This notion... as absurd as it sounds... is actually supported by recent studies in anthropology and evolutionary psychology which suggests that a primal purpose behind the development of the arts was the desire on the part of the male to impress the opposite sex through some sort of achievement that would make him stand out and appear more desirable. Considering the central role of sex 9and death) in the arts... and in nearly all that we do, I can't discount the theory.


----------



## Guest

TresPicos said:


> Maybe that's why Nadia Boulanger had so many students, then.


The exception you mention does not alter the historical facts, there has to be a reason,



> In fact, the opportunity argument has been valid throughout most of music history. Equal opportunity hasn't been around that long.


I have made one suggestion as I do not go along with the cry "We were not given the chance" 


> And who says that women do not compose nearly as well? .


I do, and so do the majority


----------



## Polednice

Weston said:


> Yes!
> 
> It all goes back to the campfire in prehistoric times.

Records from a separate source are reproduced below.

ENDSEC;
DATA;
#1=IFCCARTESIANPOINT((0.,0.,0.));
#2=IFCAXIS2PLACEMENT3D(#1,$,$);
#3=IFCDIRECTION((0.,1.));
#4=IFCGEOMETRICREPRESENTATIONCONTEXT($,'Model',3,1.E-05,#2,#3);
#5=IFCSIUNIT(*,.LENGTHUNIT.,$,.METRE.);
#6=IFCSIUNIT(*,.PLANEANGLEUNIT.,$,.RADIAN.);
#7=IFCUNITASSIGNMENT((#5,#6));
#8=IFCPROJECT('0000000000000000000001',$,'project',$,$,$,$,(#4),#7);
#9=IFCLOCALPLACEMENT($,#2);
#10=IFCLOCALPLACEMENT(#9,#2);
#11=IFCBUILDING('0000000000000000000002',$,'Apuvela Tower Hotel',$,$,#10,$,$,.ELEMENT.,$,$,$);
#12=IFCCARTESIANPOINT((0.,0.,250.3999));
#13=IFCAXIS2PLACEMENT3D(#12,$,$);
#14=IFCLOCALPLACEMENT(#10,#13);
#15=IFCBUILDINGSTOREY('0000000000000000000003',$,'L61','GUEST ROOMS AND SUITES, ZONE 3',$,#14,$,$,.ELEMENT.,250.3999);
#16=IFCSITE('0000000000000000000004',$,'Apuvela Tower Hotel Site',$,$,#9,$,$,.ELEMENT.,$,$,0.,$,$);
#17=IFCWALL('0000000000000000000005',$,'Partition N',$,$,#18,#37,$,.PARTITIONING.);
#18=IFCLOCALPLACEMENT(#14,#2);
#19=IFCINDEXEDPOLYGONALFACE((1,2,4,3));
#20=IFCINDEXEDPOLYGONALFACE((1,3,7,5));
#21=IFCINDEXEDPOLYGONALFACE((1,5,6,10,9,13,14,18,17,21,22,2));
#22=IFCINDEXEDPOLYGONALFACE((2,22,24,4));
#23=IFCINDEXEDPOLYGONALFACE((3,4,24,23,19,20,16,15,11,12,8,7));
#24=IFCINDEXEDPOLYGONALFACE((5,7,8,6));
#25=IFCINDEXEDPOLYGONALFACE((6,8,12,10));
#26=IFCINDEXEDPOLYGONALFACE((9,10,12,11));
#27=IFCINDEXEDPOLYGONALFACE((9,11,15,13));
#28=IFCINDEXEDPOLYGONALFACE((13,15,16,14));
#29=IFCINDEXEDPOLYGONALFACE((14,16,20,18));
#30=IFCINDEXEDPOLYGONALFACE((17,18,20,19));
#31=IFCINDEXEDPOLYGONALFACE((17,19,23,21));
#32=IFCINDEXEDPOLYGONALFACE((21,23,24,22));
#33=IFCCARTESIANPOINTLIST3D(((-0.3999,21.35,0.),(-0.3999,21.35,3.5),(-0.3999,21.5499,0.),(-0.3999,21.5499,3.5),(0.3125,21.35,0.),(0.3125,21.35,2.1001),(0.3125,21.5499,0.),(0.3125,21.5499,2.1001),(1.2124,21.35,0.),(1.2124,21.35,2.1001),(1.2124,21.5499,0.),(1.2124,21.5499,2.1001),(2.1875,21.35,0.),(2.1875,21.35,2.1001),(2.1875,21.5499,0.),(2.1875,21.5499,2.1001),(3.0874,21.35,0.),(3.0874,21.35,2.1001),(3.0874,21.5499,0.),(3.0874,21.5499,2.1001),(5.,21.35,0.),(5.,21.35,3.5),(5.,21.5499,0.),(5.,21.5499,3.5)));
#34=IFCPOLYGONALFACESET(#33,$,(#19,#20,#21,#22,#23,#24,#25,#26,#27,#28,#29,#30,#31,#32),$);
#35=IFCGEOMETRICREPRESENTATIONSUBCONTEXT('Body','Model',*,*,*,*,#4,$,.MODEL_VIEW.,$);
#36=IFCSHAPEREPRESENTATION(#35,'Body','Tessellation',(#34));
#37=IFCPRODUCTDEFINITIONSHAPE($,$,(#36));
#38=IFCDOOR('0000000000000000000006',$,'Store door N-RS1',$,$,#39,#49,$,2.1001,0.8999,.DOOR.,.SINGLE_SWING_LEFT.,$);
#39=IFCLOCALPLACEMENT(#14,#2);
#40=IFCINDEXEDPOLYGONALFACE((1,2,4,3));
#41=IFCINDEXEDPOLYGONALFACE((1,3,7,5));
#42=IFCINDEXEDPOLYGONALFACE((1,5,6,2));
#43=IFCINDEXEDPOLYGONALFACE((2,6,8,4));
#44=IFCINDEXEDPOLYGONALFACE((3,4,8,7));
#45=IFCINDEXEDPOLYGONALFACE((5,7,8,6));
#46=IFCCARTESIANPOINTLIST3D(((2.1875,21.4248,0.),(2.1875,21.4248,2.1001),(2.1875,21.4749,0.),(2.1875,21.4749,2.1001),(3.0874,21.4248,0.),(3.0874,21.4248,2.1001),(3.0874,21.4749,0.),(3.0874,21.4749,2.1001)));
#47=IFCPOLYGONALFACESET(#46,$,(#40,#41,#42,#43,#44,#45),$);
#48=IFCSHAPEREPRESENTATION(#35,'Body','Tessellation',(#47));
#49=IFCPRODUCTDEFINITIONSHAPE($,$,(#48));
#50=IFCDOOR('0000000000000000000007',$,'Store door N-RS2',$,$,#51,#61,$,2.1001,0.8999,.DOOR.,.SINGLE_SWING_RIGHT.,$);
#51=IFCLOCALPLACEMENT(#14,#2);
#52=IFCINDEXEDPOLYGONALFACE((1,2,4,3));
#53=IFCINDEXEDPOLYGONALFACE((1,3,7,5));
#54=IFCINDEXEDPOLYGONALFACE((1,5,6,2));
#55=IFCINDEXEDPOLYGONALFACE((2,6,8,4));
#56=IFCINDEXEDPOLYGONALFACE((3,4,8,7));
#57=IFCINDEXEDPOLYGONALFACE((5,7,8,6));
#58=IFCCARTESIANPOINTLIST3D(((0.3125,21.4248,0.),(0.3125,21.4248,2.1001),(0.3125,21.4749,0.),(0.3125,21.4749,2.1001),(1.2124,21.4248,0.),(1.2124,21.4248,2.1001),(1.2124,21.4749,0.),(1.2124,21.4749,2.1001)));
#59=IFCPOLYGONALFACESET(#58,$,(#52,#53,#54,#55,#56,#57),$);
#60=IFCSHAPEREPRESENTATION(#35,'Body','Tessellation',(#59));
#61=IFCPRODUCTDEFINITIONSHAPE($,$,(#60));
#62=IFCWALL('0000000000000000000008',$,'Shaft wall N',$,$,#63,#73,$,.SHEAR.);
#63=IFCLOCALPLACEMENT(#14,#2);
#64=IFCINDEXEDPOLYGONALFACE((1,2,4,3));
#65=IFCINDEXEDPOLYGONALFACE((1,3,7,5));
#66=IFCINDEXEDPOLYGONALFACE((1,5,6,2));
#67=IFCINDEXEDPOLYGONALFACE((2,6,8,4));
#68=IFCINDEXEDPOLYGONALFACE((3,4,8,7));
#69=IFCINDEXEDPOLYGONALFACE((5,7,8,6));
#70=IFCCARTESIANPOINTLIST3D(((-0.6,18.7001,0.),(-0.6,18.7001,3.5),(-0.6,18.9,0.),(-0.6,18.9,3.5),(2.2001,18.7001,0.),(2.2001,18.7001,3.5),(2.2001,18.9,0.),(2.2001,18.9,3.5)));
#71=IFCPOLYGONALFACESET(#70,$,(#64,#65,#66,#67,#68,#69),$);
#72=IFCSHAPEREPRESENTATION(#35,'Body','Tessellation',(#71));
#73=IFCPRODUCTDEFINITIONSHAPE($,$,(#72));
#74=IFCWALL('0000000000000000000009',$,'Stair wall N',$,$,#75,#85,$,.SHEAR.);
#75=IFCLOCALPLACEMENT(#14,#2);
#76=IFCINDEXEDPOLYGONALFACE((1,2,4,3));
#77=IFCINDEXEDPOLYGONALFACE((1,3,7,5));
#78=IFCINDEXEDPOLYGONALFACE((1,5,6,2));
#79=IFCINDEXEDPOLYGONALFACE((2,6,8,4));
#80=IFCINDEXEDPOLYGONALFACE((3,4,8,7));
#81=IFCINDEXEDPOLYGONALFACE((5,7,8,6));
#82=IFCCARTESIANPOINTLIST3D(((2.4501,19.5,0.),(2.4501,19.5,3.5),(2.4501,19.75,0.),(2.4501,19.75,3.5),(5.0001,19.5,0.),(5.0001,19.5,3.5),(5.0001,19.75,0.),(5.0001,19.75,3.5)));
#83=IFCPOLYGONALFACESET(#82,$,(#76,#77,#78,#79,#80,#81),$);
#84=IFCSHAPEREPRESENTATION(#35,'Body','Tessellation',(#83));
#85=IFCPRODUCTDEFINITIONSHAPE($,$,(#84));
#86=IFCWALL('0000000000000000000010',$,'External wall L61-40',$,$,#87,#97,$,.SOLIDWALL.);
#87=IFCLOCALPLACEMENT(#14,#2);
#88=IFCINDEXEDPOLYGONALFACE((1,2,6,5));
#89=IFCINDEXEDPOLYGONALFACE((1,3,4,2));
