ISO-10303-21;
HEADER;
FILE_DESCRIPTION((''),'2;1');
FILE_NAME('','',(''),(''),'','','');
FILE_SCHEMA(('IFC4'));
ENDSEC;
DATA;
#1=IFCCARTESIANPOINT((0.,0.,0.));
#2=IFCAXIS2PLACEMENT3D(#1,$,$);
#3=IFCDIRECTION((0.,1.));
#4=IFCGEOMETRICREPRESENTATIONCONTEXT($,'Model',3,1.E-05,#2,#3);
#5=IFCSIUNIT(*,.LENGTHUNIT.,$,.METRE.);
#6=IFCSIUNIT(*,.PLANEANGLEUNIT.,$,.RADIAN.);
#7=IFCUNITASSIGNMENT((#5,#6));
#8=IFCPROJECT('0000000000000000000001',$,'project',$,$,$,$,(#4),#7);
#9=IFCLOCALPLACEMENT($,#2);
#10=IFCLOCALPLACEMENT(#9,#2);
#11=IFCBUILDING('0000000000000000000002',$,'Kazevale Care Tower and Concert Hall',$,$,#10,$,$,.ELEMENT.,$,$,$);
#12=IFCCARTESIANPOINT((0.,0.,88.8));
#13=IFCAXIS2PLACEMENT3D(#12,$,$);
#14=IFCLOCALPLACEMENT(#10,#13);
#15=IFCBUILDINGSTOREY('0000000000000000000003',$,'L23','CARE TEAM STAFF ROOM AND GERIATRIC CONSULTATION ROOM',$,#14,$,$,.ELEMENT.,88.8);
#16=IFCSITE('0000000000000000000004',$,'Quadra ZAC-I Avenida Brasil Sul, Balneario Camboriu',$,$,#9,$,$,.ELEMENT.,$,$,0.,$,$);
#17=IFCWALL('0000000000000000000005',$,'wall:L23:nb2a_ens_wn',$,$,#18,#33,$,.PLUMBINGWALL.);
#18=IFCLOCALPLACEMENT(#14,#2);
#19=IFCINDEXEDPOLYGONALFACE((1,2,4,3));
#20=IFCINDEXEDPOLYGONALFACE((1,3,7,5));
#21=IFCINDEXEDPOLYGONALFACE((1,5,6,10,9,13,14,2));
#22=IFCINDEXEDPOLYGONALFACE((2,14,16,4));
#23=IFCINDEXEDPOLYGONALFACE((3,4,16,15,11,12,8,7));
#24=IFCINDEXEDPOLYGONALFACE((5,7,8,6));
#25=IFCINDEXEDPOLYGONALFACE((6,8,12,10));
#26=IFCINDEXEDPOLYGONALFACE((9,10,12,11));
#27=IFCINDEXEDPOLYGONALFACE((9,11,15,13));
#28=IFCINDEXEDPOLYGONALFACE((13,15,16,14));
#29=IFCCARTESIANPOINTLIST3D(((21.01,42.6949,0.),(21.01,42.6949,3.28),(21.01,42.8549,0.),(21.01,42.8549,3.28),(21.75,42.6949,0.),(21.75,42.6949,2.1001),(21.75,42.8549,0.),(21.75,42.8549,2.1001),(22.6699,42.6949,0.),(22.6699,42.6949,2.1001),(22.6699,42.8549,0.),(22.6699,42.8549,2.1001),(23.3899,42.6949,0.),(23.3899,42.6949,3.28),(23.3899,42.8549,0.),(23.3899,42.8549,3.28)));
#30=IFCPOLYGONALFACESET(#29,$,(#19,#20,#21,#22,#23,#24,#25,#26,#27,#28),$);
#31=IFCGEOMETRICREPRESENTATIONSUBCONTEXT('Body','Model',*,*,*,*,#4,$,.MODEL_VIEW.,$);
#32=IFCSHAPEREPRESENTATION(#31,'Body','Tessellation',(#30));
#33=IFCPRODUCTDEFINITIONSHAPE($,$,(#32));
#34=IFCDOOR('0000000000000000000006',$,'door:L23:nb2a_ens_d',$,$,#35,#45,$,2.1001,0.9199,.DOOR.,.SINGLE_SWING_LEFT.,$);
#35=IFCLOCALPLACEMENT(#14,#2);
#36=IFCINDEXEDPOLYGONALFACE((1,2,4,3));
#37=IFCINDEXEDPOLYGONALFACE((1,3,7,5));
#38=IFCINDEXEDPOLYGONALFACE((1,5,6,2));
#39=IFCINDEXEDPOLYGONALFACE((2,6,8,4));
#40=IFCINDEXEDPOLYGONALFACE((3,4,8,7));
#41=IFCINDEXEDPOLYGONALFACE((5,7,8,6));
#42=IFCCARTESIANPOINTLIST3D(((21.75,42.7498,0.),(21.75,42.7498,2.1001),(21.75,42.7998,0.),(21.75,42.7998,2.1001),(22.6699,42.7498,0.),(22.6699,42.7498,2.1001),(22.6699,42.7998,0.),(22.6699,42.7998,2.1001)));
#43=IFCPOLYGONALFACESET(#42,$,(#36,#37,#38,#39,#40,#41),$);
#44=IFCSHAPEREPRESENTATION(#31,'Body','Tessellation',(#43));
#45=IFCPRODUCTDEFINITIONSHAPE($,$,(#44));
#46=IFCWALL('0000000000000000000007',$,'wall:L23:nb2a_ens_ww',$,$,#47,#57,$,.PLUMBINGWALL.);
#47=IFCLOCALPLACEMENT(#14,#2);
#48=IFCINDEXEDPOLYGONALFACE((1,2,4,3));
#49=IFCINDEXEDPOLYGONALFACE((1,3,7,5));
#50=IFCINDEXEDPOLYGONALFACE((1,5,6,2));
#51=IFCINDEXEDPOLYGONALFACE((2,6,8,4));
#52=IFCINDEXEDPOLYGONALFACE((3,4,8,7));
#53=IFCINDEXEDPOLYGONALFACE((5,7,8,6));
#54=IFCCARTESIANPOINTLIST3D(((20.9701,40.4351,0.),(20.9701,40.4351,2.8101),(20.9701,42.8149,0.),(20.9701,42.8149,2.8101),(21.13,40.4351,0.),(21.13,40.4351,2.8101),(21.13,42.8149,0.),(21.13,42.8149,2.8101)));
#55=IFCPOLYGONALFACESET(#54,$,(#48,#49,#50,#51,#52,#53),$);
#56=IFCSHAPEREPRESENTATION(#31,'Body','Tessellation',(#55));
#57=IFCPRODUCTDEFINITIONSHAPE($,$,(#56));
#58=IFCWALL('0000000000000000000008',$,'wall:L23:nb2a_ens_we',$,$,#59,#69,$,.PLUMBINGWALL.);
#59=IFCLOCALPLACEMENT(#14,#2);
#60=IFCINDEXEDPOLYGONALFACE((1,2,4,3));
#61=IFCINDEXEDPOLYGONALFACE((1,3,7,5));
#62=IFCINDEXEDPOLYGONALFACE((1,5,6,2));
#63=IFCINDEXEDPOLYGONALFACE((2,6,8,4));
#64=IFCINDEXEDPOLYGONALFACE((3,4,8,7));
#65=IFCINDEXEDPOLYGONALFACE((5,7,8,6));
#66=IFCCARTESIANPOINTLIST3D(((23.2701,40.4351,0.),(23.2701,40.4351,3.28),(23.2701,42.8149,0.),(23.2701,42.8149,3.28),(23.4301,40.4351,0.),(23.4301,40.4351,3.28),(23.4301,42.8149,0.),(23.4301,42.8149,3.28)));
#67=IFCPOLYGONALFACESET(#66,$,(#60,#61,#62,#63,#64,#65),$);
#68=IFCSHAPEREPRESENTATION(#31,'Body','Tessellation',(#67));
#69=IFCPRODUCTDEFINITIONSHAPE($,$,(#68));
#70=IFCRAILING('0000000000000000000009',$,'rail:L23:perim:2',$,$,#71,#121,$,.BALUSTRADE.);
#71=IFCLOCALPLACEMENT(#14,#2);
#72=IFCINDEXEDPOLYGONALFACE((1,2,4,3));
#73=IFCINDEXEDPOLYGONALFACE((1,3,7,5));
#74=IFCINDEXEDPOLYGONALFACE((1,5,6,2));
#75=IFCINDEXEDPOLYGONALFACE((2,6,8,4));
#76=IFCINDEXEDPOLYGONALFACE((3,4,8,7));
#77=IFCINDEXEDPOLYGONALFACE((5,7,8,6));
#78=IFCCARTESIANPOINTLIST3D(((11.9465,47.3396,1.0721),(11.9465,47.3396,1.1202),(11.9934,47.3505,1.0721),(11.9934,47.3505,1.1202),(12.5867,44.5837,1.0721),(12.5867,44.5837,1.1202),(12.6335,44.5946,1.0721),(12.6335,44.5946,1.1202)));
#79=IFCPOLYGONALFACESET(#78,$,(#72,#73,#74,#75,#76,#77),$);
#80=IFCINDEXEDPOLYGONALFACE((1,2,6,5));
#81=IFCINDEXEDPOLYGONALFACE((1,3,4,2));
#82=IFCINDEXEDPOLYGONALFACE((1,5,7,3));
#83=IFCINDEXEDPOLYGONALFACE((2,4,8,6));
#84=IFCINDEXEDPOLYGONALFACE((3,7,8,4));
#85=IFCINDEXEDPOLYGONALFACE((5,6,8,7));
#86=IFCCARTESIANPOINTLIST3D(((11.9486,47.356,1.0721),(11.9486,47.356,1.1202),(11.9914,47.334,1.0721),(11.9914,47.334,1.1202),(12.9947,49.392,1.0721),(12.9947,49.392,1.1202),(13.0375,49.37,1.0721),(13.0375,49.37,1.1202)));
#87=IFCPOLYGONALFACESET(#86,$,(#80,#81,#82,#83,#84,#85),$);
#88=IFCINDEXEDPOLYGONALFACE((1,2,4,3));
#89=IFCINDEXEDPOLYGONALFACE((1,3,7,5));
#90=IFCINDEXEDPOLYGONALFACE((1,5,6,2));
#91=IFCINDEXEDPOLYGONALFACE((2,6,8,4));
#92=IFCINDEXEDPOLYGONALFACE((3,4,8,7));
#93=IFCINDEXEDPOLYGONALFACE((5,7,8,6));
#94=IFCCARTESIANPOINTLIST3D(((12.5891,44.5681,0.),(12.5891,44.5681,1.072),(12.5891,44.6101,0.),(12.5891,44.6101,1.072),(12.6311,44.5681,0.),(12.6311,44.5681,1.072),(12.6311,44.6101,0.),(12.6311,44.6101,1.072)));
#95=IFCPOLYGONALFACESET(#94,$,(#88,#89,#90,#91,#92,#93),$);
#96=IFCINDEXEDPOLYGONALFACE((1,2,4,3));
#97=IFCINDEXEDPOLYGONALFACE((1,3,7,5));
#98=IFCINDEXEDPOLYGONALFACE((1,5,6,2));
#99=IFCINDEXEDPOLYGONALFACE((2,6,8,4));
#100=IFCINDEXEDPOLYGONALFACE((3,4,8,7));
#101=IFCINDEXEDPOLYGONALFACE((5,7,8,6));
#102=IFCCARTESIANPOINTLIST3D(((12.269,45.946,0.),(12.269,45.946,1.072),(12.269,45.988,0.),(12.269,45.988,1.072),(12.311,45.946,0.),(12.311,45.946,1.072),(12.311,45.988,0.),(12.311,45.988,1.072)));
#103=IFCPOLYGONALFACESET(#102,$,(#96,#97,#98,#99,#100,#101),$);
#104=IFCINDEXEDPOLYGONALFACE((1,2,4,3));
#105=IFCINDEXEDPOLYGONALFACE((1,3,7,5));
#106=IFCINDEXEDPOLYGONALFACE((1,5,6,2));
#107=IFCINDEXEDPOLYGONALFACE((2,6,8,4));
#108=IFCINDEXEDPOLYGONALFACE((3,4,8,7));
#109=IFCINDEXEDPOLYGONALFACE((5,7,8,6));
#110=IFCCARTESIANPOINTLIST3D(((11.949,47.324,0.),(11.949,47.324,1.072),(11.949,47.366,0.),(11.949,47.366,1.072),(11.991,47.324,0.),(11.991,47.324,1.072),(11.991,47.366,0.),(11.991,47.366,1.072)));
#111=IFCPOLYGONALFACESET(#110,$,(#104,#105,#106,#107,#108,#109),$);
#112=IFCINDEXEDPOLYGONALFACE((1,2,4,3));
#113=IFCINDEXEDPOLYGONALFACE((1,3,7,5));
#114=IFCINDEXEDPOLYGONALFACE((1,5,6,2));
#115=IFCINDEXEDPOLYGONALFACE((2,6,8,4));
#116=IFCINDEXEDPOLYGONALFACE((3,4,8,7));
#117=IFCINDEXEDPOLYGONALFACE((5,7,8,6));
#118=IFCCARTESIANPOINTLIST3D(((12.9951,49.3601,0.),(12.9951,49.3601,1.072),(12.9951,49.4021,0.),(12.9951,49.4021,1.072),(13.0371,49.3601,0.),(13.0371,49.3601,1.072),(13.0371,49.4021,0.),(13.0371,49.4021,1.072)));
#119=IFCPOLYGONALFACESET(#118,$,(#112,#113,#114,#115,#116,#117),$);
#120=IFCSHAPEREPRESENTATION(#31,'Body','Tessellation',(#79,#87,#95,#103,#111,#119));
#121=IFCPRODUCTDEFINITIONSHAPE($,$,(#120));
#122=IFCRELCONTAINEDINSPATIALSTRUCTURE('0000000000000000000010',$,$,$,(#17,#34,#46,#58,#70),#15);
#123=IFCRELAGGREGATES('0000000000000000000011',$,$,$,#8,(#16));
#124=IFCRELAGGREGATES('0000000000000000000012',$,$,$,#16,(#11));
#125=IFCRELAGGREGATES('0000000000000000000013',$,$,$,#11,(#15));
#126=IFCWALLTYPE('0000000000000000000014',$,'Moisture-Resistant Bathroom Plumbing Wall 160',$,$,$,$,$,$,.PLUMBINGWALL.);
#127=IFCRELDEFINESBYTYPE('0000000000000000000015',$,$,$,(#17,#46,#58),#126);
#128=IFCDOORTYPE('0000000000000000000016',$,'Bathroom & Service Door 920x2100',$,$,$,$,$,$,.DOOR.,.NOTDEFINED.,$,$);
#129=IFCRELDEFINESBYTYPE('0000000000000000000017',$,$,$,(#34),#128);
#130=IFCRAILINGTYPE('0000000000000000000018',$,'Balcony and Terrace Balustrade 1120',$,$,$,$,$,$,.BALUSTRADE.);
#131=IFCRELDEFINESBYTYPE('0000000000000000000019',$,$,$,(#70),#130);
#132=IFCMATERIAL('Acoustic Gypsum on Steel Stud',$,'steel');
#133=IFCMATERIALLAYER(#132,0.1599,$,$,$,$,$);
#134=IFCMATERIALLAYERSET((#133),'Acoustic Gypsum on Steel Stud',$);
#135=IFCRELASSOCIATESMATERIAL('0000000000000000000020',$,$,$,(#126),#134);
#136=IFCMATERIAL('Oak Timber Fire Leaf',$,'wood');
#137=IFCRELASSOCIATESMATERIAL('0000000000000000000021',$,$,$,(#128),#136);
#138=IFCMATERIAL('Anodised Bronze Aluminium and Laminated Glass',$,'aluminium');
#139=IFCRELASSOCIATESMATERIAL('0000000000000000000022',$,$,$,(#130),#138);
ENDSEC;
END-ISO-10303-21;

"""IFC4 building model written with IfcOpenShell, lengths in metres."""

from ifc_helpers import new_model, si_unit, direction, frame, frame_2d, origin, origin_2d, place, context, subcontext, project, spatial, rectangle, extrude, material, layer, layer_set, type_object, element, fill, save


model = new_model("IFC4")

# Units and contexts
model_context = context("Model", 3, precision=1e-05, world=origin(), true_north=direction((0.0, 1.0)))
body_context = subcontext(model_context, "Body", "Model", "MODEL_VIEW")
ifc_project = project(units=[si_unit("LENGTHUNIT", "METRE"), si_unit("PLANEANGLEUNIT", "RADIAN")], contexts=[model_context])

# Site, building, storey
site_placement = place(None, origin())
site = spatial("IfcSite", under=ifc_project, at=site_placement, Name="Quadra ZAC-I Avenida Brasil Sul, Balneario Camboriu", CompositionType="ELEMENT", RefElevation=0.0)
building_placement = place(site_placement, origin())
building = spatial("IfcBuilding", under=site, at=building_placement, Name="Kazevale Care Tower and Concert Hall", CompositionType="ELEMENT")
storey_placement = place(building_placement, frame((0.0, 0.0, 88.8)))
storey = spatial("IfcBuildingStorey", under=building, at=storey_placement, Name="L23", Description="CARE TEAM STAFF ROOM AND GERIATRIC CONSULTATION ROOM", CompositionType="ELEMENT", Elevation=88.8)

# Shared definitions
ifc_material_1 = material(Name="Oak Timber Fire Leaf", Category="wood")

# Shared definitions
ifc_material_2 = material(Name="Acoustic Gypsum on Steel Stud", Category="steel")
ifc_layer_1 = layer(ifc_material_2, 0.1599)
ifc_layer_set_1 = layer_set([ifc_layer_1], Name="Acoustic Gypsum on Steel Stud")
wall_type_1 = type_object("IfcWallType", Name="Moisture-Resistant Bathroom Plumbing Wall 160", PredefinedType="PLUMBINGWALL", material=ifc_layer_set_1)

If you're not the most handsome male, or the strongest, or bravest, or swiftest, perhaps you can attract a female by how cleverly you can bang on a drum. Women generally do not have these issues as much. They have a biological incentive to be pickier about who they mate with than men. It's a lot bigger investment for them. Hence men need to work harder to attract a mate.
> 
> Hence the drive toward art and music.


While I could accept this idea as an answer for the _genesis_ of art, I don't think it's adequate to explain the divide between men and women in the modern era. Music - specifically art music - has moved so far beyond such social functions that I don't think it's appropriate. While one might _tentatively_ argue that men have a greater subconscious impetus to create art, everyone would agree that it is no longer done (only) for the sake of attracting a mate. In the 21st century, people are attracted to experiencing and creating art because it explores central human preoccupations and attempts to give us a place in an incomprehensible universe - women are just as open to the beauty of such ideas as men and, as such, should be just as likely to be drawn into the artistic profession.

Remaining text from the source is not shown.